If `since` is older than the oldest value still in the buffer, the result starts from the oldest available value (i.e. `since` is silently advanced to `pos - len`). If no new values are available, returns (nil, currentPos).

This is the right tool for streaming consumers (sparklines, log tails, etc.) that need to receive every value exactly once even as the ring overflows.

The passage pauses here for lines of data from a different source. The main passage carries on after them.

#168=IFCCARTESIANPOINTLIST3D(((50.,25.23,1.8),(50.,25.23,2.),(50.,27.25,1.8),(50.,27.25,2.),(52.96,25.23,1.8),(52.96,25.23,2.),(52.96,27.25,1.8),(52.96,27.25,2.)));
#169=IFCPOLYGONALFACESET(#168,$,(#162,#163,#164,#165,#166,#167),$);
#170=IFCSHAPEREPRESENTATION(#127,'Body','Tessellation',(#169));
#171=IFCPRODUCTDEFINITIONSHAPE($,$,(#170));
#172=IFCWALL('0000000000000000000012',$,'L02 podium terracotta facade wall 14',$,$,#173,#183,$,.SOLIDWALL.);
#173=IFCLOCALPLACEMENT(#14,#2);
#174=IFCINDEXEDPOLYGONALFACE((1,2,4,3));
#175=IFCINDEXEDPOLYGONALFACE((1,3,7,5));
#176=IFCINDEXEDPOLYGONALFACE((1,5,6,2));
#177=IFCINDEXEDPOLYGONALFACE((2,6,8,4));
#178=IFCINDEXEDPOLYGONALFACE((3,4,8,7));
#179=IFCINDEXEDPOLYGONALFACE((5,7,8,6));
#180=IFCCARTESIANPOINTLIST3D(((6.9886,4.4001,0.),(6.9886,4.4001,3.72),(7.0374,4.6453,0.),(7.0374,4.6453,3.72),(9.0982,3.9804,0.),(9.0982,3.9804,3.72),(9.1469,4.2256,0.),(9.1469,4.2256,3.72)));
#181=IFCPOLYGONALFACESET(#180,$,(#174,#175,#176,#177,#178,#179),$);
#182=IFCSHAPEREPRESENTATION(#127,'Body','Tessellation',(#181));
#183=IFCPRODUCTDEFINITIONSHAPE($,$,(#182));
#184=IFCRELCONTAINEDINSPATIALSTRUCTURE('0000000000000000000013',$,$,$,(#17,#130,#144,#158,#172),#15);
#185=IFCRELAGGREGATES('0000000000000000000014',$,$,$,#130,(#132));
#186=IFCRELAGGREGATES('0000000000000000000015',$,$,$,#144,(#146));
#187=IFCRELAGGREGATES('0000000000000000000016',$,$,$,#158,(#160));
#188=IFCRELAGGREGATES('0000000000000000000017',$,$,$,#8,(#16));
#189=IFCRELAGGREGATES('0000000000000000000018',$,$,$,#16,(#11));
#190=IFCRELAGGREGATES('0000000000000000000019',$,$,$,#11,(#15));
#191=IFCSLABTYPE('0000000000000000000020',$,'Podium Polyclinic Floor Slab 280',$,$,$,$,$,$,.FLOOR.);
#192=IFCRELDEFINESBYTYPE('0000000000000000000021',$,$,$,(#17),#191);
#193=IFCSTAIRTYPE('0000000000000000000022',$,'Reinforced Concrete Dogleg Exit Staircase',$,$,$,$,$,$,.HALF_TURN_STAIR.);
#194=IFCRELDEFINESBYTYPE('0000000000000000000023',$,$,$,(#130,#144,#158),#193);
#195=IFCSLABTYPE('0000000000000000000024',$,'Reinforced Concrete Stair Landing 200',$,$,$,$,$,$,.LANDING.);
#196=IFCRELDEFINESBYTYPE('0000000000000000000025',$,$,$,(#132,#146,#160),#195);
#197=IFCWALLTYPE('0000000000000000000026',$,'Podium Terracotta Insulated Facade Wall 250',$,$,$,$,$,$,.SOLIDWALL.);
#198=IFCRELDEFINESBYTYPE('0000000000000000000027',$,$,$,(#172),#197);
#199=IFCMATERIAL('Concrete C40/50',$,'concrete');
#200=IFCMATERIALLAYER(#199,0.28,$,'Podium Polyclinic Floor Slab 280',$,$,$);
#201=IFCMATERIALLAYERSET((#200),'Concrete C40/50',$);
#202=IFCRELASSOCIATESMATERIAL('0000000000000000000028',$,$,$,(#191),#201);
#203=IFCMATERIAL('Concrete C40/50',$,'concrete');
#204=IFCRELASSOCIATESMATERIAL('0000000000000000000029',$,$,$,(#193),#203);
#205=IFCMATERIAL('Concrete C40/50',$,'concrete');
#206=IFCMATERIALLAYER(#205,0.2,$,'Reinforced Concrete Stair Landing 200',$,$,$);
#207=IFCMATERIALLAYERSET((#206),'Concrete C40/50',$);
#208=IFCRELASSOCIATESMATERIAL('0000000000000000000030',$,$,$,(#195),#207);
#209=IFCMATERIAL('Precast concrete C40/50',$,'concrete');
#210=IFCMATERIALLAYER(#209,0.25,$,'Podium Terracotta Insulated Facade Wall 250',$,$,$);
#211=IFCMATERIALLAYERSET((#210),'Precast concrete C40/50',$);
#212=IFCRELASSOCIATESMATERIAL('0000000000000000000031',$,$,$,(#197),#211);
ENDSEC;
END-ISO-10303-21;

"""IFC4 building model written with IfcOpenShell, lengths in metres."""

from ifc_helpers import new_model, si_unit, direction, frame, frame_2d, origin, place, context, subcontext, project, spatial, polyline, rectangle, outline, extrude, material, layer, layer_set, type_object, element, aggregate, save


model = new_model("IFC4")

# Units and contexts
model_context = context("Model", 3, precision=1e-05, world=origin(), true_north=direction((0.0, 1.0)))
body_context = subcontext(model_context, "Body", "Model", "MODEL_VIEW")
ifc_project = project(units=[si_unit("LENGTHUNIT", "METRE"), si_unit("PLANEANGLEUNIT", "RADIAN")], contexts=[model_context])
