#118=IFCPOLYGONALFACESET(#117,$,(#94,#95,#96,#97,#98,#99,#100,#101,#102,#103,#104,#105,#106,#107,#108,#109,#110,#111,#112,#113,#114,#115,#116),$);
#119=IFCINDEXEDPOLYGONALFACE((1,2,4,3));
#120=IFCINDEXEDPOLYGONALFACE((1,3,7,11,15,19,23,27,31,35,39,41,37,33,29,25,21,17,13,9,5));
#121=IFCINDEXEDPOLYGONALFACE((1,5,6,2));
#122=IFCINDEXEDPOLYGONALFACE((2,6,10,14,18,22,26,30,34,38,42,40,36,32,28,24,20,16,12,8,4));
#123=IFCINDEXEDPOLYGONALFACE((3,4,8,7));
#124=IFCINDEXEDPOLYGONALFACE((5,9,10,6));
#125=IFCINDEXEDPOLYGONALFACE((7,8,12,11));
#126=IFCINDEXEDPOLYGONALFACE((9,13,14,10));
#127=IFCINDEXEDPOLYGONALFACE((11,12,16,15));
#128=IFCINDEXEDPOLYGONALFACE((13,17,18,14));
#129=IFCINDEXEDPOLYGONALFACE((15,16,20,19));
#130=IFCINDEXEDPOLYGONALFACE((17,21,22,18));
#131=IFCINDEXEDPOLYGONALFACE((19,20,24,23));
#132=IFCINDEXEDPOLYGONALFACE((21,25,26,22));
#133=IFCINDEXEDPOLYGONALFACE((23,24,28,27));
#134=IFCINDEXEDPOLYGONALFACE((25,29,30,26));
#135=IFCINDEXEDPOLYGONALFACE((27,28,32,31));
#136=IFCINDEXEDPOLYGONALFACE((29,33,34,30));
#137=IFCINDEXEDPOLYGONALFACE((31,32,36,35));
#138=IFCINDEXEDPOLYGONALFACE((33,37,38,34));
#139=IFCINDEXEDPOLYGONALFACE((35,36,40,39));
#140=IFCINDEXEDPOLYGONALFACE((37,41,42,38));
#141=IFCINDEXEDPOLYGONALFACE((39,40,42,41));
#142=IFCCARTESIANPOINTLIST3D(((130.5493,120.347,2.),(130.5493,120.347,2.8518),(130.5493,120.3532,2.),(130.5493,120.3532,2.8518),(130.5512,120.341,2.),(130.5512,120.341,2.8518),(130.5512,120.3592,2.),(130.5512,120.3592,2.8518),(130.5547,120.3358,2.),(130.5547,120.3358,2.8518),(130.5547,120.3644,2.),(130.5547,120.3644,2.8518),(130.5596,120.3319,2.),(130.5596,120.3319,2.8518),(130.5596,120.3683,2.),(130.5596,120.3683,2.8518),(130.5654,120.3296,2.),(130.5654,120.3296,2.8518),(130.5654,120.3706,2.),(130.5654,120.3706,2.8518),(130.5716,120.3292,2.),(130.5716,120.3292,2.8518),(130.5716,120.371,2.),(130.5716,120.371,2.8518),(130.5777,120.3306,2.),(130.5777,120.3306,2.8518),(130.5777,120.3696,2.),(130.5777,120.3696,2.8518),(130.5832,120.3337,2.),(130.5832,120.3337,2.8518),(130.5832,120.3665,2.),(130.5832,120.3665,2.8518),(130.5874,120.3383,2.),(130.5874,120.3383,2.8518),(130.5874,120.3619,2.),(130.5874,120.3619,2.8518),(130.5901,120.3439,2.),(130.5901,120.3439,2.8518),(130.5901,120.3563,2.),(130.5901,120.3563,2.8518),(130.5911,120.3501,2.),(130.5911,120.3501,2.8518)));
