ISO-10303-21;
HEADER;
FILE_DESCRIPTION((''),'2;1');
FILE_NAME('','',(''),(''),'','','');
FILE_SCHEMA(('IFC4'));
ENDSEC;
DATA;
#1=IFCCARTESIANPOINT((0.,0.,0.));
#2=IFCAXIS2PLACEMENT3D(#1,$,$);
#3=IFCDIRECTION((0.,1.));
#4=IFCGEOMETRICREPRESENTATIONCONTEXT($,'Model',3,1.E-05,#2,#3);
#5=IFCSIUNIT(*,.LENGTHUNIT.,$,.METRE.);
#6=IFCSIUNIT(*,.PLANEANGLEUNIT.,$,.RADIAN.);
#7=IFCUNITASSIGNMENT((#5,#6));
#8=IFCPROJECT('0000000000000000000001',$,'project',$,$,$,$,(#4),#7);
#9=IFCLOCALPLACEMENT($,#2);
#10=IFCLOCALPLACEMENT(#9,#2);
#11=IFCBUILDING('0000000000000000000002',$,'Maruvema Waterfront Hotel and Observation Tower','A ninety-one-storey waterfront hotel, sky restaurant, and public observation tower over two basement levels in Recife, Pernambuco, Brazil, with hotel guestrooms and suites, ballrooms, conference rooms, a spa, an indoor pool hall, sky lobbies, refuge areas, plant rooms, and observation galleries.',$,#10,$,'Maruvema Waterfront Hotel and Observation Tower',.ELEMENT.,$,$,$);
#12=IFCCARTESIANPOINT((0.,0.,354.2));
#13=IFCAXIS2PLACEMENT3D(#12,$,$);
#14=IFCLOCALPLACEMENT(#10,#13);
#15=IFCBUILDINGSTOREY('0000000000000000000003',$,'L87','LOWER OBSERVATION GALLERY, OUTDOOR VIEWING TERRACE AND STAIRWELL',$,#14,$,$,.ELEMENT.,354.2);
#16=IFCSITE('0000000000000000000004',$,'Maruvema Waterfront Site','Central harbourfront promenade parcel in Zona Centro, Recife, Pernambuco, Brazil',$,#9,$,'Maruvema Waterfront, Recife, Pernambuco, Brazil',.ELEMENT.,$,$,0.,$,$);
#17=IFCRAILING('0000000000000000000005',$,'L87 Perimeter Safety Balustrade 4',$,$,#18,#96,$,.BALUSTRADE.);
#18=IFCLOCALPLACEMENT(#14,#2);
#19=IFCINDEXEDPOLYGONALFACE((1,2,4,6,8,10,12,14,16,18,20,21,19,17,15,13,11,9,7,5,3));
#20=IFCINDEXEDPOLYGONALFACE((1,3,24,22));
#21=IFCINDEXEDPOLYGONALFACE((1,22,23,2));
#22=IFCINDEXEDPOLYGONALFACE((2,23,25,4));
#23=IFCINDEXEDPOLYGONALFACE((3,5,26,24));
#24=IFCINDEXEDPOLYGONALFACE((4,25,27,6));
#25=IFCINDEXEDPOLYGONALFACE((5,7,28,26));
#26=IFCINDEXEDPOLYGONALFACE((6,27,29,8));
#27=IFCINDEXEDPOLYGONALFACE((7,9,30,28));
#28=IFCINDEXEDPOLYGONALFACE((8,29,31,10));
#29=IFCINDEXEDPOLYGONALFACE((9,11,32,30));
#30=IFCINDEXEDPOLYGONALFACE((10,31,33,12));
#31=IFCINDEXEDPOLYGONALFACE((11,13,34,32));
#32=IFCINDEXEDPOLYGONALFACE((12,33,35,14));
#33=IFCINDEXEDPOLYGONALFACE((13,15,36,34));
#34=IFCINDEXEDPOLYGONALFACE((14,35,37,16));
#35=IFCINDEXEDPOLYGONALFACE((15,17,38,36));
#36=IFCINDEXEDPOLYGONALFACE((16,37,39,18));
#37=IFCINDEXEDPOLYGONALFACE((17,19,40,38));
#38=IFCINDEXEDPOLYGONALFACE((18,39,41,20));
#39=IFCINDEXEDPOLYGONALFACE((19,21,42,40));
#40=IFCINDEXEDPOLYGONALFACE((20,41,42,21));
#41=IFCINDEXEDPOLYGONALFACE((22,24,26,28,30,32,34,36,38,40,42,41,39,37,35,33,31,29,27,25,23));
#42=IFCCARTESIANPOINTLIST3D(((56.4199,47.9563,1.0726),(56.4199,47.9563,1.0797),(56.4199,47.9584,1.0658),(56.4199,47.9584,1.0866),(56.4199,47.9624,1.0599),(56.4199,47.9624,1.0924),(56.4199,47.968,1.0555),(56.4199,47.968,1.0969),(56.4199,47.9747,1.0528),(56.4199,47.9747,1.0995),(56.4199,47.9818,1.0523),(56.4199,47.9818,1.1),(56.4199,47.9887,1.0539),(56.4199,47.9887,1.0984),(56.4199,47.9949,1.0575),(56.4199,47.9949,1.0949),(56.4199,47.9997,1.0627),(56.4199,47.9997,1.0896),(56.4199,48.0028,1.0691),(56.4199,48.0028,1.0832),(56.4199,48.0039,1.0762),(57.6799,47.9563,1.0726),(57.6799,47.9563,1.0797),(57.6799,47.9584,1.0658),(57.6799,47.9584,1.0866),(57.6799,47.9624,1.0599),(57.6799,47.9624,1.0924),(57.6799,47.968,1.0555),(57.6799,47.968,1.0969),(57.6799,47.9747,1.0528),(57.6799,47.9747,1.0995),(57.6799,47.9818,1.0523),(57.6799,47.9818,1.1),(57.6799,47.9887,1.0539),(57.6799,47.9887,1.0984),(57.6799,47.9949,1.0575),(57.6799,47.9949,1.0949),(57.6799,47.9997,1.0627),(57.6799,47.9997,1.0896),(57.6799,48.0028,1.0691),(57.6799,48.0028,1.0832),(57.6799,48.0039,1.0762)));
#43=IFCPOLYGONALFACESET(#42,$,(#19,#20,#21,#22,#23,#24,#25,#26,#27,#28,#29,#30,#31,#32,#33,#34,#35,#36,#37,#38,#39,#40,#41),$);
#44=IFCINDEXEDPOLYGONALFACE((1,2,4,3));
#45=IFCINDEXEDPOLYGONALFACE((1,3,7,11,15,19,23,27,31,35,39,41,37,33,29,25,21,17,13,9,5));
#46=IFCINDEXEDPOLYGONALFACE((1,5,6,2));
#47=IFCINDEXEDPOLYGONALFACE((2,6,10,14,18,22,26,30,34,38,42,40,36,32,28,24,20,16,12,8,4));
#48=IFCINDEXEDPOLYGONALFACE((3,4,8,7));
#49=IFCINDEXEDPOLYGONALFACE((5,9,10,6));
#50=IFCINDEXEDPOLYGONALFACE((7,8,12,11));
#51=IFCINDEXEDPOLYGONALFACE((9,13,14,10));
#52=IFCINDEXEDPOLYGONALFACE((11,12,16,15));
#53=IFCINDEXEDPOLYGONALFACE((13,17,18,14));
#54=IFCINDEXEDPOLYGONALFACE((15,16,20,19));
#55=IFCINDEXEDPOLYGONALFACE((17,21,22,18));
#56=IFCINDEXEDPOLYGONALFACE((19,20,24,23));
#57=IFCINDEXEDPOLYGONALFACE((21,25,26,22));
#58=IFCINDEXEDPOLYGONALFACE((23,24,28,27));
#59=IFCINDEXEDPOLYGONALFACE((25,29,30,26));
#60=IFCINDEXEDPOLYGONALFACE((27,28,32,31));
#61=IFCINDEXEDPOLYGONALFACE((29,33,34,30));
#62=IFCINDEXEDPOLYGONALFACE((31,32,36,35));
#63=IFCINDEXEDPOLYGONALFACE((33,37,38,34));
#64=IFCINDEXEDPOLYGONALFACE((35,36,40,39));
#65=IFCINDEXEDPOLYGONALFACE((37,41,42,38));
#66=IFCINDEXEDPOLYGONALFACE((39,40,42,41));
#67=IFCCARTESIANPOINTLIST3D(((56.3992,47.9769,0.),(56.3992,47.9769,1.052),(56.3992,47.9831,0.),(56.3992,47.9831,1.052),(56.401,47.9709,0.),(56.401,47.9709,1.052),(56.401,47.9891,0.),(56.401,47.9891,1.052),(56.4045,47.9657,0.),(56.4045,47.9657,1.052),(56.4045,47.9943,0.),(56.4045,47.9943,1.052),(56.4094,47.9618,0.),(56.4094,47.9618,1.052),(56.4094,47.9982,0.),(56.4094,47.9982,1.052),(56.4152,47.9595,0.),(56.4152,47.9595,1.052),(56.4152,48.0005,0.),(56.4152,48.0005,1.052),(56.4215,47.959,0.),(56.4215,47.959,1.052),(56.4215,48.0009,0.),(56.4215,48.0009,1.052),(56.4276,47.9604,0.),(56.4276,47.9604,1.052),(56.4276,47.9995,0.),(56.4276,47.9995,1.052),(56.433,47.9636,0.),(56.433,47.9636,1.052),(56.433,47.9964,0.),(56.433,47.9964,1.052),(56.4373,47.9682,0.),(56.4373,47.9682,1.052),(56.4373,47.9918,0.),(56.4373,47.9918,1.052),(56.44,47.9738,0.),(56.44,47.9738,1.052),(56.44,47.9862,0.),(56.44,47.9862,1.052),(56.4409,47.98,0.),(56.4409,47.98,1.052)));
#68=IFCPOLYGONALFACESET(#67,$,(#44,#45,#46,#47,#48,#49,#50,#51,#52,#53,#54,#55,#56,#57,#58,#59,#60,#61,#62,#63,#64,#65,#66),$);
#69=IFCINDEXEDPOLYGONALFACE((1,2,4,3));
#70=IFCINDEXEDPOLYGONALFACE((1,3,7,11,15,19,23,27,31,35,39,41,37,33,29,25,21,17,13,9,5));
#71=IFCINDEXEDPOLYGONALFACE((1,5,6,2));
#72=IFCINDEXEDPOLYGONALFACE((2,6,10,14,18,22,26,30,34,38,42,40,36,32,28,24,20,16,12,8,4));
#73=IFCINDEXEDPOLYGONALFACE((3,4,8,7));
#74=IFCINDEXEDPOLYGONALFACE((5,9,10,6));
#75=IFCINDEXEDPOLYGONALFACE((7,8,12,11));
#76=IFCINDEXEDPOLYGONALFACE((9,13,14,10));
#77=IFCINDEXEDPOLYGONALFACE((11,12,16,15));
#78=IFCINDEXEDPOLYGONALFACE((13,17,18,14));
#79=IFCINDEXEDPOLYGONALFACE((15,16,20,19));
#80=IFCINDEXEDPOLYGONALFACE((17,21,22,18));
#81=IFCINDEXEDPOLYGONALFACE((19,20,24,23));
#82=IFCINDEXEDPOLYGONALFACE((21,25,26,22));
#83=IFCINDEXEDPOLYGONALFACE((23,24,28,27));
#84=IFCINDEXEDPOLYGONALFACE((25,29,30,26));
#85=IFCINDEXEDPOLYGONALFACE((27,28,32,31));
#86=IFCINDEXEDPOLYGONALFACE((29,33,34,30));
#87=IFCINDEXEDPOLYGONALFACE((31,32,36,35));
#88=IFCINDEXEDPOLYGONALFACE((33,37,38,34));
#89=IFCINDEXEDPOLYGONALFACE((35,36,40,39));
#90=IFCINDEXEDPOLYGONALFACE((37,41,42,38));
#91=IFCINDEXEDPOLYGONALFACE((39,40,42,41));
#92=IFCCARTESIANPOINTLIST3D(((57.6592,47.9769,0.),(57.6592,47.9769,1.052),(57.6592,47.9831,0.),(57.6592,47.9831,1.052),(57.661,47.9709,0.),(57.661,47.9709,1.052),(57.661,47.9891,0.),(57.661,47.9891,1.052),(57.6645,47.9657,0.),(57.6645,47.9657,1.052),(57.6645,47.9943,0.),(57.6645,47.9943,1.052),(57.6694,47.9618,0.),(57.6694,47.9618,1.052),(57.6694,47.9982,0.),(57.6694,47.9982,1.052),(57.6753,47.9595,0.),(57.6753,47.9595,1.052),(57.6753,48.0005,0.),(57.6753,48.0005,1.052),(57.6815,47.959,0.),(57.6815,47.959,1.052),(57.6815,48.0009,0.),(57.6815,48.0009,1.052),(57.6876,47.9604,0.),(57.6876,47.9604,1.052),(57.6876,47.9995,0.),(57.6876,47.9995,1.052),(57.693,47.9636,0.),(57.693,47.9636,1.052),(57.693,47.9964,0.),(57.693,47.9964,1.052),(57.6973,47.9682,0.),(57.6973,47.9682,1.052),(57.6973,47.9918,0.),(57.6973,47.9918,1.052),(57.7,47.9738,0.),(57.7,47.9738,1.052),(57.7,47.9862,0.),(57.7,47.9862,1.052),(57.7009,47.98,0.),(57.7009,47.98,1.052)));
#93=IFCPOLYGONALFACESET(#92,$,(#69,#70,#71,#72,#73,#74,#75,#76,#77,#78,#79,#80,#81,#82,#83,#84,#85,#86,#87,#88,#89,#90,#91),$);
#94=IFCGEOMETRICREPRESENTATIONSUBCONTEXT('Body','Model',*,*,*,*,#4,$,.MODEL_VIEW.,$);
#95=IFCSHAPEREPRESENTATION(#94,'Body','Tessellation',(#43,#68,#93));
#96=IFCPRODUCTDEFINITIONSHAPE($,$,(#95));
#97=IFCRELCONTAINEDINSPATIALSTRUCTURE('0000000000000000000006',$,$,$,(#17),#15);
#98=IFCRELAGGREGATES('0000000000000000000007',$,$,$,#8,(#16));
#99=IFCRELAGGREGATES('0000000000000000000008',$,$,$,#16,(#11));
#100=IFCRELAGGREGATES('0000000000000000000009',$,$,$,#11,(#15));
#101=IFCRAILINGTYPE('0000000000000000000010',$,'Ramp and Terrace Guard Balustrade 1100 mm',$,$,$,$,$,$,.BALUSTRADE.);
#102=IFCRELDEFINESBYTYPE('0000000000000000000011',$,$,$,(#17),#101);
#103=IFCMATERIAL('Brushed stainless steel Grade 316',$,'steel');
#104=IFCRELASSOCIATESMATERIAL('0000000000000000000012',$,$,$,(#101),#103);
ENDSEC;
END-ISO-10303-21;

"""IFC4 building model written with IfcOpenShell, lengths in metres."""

from ifc_helpers import new_model, si_unit, direction, frame, origin, origin_2d, place, context, subcontext, project, spatial, circle, extrude, material, type_object, element, save


model = new_model("IFC4")

# Units and contexts
model_context = context("Model", 3, precision=1e-05, world=origin(), true_north=direction((0.0, 1.0)))
body_context = subcontext(model_context, "Body", "Model", "MODEL_VIEW")
ifc_project = project(units=[si_unit("LENGTHUNIT", "METRE"), si_unit("PLANEANGLEUNIT", "RADIAN")], contexts=[model_context])

# Site, building, storey
site_placement = place(None, origin())
site = spatial("IfcSite", under=ifc_project, at=site_placement, Name="Maruvema Waterfront Site", Description="Central harbourfront promenade parcel in Zona Centro, Recife, Pernambuco, Brazil", LongName="Maruvema Waterfront, Recife, Pernambuco, Brazil", CompositionType="ELEMENT", RefElevation=0.0)
building_placement = place(site_placement, origin())
building = spatial("IfcBuilding", under=site, at=building_placement, Name="Maruvema Waterfront Hotel and Observation Tower", Description="A ninety-one-storey waterfront hotel, sky restaurant, and public observation tower over two basement levels in Recife, Pernambuco, Brazil, with hotel guestrooms and suites, ballrooms, conference rooms, a spa, an indoor pool hall, sky lobbies, refuge areas, plant rooms, and observation galleries.", LongName="Maruvema Waterfront Hotel and Observation Tower", CompositionType="ELEMENT")
storey_placement = place(building_placement, frame((0.0, 0.0, 354.2)))
storey = spatial("IfcBuildingStorey", under=building, at=storey_placement, Name="L87", Description="LOWER OBSERVATION GALLERY, OUTDOOR VIEWING TERRACE AND STAIRWELL", CompositionType="ELEMENT", Elevation=354.2)

# Railing
ifc_material_1 = material(Name="Brushed stainless steel Grade 316", Category="steel")
railing_type_1 = type_object("IfcRailingType", Name="Ramp and Terrace Guard Balustrade 1100 mm", PredefinedType="BALUSTRADE", material=ifc_material_1)
railing_1_placement = place(storey_placement, frame((56.4199, 47.98, 0.0)))
element("IfcRailing", 1, at=railing_1_placement, inside=storey, type_object=railing_type_1, Name="L87 Perimeter Safety Balustrade 4", PredefinedType="BALUSTRADE", context=body_context, shape_type="SweptSolid", body=[
    extrude(circle(Radius=0.0239, at=origin_2d()), frame((0.0, 0.0, 1.0762), z_axis=(1.0, 0.0, 0.0), x_axis=(0.0, 1.0, 0.0)), (0.0, 0.0, 1.0), 1.26),
    extrude(circle(Radius=0.021, at=origin_2d()), origin(), (0.0, 0.0, 1.0), 1.052),
    extrude(circle(Radius=0.021, at=origin_2d()), frame((1.26, 0.0, 0.0)), (0.0, 0.0, 1.0), 1.052),
])

save(model, "model.ifc")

func (*Ring) Stats added in v0.5.0

func (r *Ring) Stats() Stats

Stats computes summary statistics over the current buffer contents. Returns a zero Stats if the buffer is empty.

func (*Ring) StatsLast added in v0.5.0

func (r *Ring) StatsLast(n int) Stats

StatsLast computes summary statistics over the most recent n values.

func (*Ring) Values added in v0.5.0

func (r *Ring) Values() []float64

Values returns every element in chronological order (oldest first). The caller owns the returned slice.

type Row

type Row struct {
	Values []float64
	Label  string // optional X-axis label (first column or timestamp)
}

Row is a single parsed record.

type Stats added in v0.5.0

type Stats struct {
	Min, Max, Mean, StdDev float64
	P50, P95, P99          float64
	Count                  int
	Outliers               int // values beyond mean ± 2σ
}

Stats holds summary statistics for the buffer contents.